Whether he’s an Aussie or a Tuvaluan, Fry’s future king is Welsh, since under the British Commonwealth’s environmentally responsible king-share program, the Prince of Wales is simultaneously heir to the thrones of Britain, Australian, Tuvalu, and a bunch of other countries. His Royal Highness was also in Copenhagen last week, telling delegates that there were now only seven years left to save the planet. Prince Charles is so famously concerned about the environment that he’s known as the Green Prince. Just for the record, his annual carbon footprint is 2,601 tons. The carbon footprint of an average Briton (i.e., all those wasteful, consumerist, environmentally unsustainable deadbeats) is 11 tons. To get him to Copenhagen to deliver his speech, His Highness was flown in by one of the Royal Air Force’s fleet of VIP jets from the Royal Squadron. Total carbon emissions: 6.4 tons. In other words, the Green Prince used up seven months’ of an average Brit’s annual carbon footprint on one short flight to give one mediocre speech of alarmist boilerplate.

But relax, it’s all cool, because he offsets! According to the Sydney Morning Herald, the prince will be investing in exciting new green initiatives. “Investing” as in “using his own money,” you mean? Not exactly. Apparently, it will be taxpayers’ money. So he’ll “offset” the cost of using up seven months of an average peasant’s carbon footprint on one flight by taking the peasant’s money and tossing it down some sinkhole. No wonder he feels so virtuous. Oh, don’t worry, though. He does have to pay a personal penalty for the sin of flying by private jet: 70 pounds. Which is the cost of about six new trees, or rather less than the bill for parking at Heathrow would have been.

So just to recap: The Prince of Wales, a man who has never drawn his own curtains, ramps up a carbon footprint of 2,601 tons while telling us that Western capitalist excess is destroying the planet. Dr. Rajendra Pachauri, the railroad engineer who heads the International Panel on Climate Change and has demanded that “hefty aviation taxes should be introduced to deter people from flying,” flew 443,226 miles on “IPCC business” in the year and a half before the Copenhagen summit. And Al Gore is a carbon billionaire: He makes more money buying offsets from himself than his dad did from investing in Occidental Petroleum.

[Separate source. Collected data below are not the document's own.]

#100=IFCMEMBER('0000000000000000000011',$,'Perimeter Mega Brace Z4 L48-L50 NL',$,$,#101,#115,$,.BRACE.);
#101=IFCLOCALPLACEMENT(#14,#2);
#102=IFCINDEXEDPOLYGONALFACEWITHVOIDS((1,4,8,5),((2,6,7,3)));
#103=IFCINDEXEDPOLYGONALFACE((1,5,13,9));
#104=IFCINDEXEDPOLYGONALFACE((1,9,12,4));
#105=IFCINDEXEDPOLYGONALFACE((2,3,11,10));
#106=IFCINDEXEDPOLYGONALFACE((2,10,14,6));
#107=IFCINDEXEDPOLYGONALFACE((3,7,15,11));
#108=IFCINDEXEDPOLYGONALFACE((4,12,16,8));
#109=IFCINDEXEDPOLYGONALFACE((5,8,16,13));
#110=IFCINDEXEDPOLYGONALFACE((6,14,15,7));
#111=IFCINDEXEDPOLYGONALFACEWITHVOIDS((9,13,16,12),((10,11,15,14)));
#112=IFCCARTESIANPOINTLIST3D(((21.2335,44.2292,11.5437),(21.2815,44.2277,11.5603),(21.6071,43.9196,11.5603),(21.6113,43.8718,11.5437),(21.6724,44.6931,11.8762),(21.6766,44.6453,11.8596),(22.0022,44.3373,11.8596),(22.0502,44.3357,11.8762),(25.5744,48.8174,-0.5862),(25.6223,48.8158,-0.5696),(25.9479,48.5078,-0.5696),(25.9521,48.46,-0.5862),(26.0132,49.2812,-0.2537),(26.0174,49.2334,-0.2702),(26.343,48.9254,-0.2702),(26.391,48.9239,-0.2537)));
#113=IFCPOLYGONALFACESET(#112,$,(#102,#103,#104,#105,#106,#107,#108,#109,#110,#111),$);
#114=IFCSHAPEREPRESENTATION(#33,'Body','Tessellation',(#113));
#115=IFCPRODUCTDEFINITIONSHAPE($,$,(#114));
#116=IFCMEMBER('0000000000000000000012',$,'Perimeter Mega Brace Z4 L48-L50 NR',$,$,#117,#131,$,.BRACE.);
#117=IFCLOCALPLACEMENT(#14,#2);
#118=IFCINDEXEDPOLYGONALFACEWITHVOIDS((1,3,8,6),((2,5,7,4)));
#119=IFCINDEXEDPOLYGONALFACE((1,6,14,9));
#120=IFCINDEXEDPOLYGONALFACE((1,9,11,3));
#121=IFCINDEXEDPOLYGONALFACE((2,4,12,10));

All of the above are, as that ersatz Tuvaluan delegate’s neighbor would say, “very high up in climate change.” But what about all the non-high-ups? Not just the low-level toadies like Associated Press “science” reporter Seth Borenstein, who dutifully pooh-poohed the idea that the leaked Climategate e-mails were of any significance and, for his pains, was rewarded by having to stand in line with thousands of other no-name warm-mongers for seven hours in the freezing streets of Copenhagen. All because the IPCC accredited 45,000 delegates to a space that accommodates 15,000 — but don’t worry, when it comes to recalibrating the planet’s climate, I’m sure they’ll run the numbers more carefully.

But forget Borenstein and other hangers-on. Even making allowances for the stupidity of youthful idealism, the protesters in the streets of Copenhagen seem especially obtuse. Far from sticking it to the Man, they’re cheerleading for the biggest Man of all: They’re supporting a new globalized feudalism in which Prince Charles, Prince Al, Prince Rajendra, and others “very high up in climate change” jet around the world at public expense telling the rest of us we need to stay put. A British parliamentarian recently proposed that everyone be issued with an annual “carbon allowance” that would be drawn down every time he booked a flight, or filled up his car, or bought a washer and dryer instead of beating his laundry on the rocks down by the river with the village women every week. You think the Prince of Wales or any other member of the new global elite will be subject to that “allowance”?